If a claim arises out of one of your transactions, you should know that the TDS, AVID and the SPQ become the most scrutinized documents in the transaction file. We are seeing some deficiencies in these disclosures that, as your legal counsel, we find troubling. We rely on your disclosures in the defense of the claim and when these disclosures are devoid of relevant information, your exposure and the value of the claim increases significantly.
For example, we have come across AVIDs that are virtually blank. As you know, whether you are a listing, selling or dual agent, the law requires that you must conduct a “DILLIGENT VISUAL INSPECTION OF ACCESSIBLE AREAS” even for properties that are TDS exempt. New Construction is not an exception. There is ALWAYS something to note.
Placing a check mark, the word “fine” or your initials next to each line on the AVID will not suffice. Describe what you see in your visual inspection and do not use adjectives such as: hairline, insignificant, superficial, minor etc…when describing defects.
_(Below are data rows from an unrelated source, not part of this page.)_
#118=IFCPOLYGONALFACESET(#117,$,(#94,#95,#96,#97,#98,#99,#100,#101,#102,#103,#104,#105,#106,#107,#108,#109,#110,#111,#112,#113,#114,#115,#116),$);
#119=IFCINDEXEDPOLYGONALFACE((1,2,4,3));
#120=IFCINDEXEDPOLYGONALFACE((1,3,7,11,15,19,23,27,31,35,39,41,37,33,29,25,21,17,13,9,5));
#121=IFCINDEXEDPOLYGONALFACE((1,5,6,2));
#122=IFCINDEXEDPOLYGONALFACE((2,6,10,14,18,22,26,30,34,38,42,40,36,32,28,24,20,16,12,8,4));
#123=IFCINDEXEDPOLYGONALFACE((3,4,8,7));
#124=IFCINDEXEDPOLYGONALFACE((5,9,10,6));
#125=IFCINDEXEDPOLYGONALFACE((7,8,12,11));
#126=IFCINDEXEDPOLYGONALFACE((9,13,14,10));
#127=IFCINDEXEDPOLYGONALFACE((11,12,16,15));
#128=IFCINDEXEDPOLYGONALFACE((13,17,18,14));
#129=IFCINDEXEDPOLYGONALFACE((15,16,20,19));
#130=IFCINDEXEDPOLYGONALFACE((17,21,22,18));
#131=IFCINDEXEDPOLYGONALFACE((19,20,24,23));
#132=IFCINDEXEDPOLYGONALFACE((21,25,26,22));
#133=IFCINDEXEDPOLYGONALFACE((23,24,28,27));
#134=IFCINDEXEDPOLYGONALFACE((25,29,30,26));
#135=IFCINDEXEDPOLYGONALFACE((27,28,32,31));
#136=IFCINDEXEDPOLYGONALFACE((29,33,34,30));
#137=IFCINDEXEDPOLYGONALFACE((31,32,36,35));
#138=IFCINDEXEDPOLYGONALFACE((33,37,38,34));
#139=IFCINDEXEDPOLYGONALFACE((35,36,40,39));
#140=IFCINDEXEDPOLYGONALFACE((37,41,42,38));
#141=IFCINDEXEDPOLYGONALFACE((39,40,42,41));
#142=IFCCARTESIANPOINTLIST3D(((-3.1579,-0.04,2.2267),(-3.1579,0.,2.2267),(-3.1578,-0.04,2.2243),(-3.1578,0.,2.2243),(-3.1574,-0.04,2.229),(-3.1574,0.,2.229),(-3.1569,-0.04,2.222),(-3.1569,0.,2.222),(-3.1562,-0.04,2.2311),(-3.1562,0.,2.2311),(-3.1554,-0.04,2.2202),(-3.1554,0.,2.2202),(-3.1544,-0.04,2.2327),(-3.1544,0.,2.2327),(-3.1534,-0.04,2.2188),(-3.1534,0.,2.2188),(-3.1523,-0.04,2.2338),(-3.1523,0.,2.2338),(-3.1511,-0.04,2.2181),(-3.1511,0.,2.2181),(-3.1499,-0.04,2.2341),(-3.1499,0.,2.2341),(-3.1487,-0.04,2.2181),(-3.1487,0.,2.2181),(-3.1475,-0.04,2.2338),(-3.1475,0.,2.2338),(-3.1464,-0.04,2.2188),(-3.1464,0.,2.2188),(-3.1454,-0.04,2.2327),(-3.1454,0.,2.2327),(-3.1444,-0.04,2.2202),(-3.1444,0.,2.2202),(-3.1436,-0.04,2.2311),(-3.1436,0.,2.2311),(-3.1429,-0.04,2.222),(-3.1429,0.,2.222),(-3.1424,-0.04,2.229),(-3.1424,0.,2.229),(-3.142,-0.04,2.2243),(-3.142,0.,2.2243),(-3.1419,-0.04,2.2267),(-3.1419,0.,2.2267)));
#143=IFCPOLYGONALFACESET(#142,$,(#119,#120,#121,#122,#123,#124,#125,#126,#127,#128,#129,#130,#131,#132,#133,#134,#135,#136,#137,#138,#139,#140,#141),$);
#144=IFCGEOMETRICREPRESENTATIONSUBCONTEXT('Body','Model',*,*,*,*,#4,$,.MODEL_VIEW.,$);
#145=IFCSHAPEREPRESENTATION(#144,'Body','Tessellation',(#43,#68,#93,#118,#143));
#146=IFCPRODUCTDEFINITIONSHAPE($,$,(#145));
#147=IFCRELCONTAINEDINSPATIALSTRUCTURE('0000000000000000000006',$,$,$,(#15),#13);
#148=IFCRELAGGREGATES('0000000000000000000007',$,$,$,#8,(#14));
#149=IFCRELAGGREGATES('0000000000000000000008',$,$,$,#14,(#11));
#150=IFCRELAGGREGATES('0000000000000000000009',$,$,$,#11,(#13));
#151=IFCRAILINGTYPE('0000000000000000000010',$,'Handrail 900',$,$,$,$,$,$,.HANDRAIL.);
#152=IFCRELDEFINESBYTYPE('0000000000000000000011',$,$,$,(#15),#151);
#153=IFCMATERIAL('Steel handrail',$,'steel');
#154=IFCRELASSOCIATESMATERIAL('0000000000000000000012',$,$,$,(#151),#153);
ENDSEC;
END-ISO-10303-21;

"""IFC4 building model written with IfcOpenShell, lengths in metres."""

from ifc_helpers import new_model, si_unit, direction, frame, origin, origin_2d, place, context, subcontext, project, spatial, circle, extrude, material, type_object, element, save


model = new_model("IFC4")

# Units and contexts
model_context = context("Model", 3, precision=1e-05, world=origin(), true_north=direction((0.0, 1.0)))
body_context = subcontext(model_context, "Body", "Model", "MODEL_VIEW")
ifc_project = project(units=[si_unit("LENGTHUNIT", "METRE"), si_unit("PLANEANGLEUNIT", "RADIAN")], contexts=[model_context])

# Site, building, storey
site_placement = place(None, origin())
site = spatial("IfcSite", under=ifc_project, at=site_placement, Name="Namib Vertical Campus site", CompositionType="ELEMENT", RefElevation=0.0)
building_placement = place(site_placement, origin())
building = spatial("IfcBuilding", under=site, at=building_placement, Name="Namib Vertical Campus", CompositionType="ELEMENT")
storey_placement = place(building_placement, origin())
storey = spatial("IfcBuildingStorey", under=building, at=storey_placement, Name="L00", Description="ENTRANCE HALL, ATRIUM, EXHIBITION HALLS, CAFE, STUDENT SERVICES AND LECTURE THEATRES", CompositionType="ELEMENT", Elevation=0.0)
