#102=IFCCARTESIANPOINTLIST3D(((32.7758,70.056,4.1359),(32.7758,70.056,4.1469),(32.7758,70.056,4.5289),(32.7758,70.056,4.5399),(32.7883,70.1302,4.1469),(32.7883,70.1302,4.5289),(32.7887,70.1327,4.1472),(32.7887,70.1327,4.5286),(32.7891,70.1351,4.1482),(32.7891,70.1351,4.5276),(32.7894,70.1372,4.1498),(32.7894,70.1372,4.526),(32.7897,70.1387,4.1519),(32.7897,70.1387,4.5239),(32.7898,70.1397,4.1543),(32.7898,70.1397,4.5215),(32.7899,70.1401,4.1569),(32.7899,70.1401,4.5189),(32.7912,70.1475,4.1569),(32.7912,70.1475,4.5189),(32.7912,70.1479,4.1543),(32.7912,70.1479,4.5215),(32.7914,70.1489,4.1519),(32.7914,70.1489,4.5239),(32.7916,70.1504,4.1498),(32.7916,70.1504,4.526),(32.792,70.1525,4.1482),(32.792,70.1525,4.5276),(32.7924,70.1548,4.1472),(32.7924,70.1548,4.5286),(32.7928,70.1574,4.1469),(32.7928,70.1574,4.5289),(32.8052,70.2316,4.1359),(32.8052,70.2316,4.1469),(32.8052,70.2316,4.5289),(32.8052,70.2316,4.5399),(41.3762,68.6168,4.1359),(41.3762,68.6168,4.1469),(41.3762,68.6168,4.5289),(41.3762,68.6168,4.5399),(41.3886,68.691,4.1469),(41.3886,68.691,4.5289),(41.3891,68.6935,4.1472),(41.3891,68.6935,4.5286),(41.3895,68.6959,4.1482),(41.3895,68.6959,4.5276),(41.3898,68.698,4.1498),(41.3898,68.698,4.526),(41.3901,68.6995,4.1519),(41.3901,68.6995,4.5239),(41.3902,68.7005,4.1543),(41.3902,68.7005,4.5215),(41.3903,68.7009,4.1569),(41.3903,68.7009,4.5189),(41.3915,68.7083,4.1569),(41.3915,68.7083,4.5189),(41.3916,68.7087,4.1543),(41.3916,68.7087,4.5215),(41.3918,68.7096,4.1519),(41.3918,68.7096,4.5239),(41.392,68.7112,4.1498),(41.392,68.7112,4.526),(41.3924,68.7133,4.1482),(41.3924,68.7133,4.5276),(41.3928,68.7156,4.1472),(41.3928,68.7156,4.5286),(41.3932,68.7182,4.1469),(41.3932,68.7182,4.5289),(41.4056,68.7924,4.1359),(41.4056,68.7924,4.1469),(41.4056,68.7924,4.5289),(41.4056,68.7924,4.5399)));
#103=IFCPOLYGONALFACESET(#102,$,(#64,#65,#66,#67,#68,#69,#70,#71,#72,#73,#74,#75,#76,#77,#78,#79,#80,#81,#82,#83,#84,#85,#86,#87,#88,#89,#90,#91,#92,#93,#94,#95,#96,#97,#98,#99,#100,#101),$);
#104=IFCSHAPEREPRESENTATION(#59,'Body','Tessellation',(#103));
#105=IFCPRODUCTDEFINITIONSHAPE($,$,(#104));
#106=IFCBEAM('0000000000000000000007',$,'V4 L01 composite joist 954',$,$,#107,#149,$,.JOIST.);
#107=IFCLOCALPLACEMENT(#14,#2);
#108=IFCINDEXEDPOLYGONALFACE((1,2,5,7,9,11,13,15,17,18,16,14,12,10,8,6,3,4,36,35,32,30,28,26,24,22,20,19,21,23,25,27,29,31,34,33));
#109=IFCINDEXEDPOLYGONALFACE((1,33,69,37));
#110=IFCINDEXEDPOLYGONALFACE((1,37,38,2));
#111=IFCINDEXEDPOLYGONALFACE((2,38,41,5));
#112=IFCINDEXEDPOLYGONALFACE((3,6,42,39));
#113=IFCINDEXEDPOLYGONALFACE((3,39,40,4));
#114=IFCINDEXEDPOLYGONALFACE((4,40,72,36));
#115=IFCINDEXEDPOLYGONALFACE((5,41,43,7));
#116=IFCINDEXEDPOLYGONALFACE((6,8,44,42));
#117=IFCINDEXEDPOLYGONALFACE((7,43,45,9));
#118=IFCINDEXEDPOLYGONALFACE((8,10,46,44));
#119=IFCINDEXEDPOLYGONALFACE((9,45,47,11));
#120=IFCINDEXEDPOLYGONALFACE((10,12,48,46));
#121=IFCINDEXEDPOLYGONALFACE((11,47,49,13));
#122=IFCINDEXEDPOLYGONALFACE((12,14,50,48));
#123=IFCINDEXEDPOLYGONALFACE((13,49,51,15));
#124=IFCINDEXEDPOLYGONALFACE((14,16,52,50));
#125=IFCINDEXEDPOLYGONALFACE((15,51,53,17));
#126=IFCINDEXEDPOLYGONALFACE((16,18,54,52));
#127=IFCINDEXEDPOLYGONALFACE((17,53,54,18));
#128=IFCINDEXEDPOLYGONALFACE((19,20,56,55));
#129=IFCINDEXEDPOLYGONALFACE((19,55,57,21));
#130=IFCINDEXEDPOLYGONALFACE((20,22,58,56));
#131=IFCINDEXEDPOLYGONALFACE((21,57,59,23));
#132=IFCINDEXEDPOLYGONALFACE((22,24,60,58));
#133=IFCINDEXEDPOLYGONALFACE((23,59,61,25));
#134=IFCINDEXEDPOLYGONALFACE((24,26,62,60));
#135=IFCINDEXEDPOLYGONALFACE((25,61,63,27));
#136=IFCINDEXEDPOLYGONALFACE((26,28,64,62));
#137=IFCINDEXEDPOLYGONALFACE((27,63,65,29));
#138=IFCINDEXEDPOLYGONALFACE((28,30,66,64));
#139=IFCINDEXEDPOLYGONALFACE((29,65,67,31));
The AVID should be prepared simultaneous with the TDS and provided to the buyer when the TDS is provided. Alluding to the AVID in the TDS and not delivering it with the TDS is negligent. PLEASE print or handwrite legibly. If we can’t read the AVID/TDS the buyer probably struggled with it as well. If you represent the buyer and the TDS/AVID are confusing or not legible, demand an explanation or clarification in writing from the listing agent.
This is a document reflecting YOUR visual inspection. Do not rely exclusively on the TDS and/or the Physical Inspection Report as sources of information to complete your AVID. Expect and request a completed AVID from the other broker/agent in the transaction.
Agents that take disclosures seriously and take the time and effort to adequately complete disclosures keep themselves AND their clients out of trouble and out of court!

March 17th, 2011 at 11:09 pm

As you know, digital signatures are becoming more and more common in our transactions. The use of these technologies, however, have raised a number of questions that we need to be mindful of. First is the security of your digital account. Specifically, you and your client need to make sure that you don’t do anything which gives unauthorized access to your account. For example, we have seen instances where an e-mail was sent to a seller with a link to their account, telling them to click on the link to sign documents. The link is created by the system after the client signs in, so no password is needed when the link is used. If that e-mail is then forwarded, the link is still active and the recipient of the e-mail can now click on the link, access the seller’s account and sign documents on their behalf. Obviously, we need to avoid this situation. As a result, please do not forward e-mails of this nature. Be very mindful to protect access to your digital account.
Next, what happens if you, as the listing agent, have a digital account but the selling agent does not. Can you or your TC forward documents from your account directly to the buyer to make the transaction move more quickly? Unfortunately, the answer is no. Obviously, forwarding documents to a client should also involve some advice and discussion regarding the document itself, what is means and why it is being signed. As a result, the other side may believe we should be giving them advice regarding the specific document. In other words, by sending documents to the other side, we may be creating an agency with that client that we don’t want to have. Of course, that agency brings liability. Additionally, dealing directly with the other side may create conflicts of interest and disclosure obligations with regard to our client. In short, by using our digital account for the other side’s documents, we are blurring the line on agency and creating problems for ourselves. So, as inconvenient as it may be, make the other agent forward documents to his/her client. If that agent does not have a digital account, they will need to print out the documents and deliver them to the client. Unfortunately, that is the only way to properly represent our client and avoid additional liability.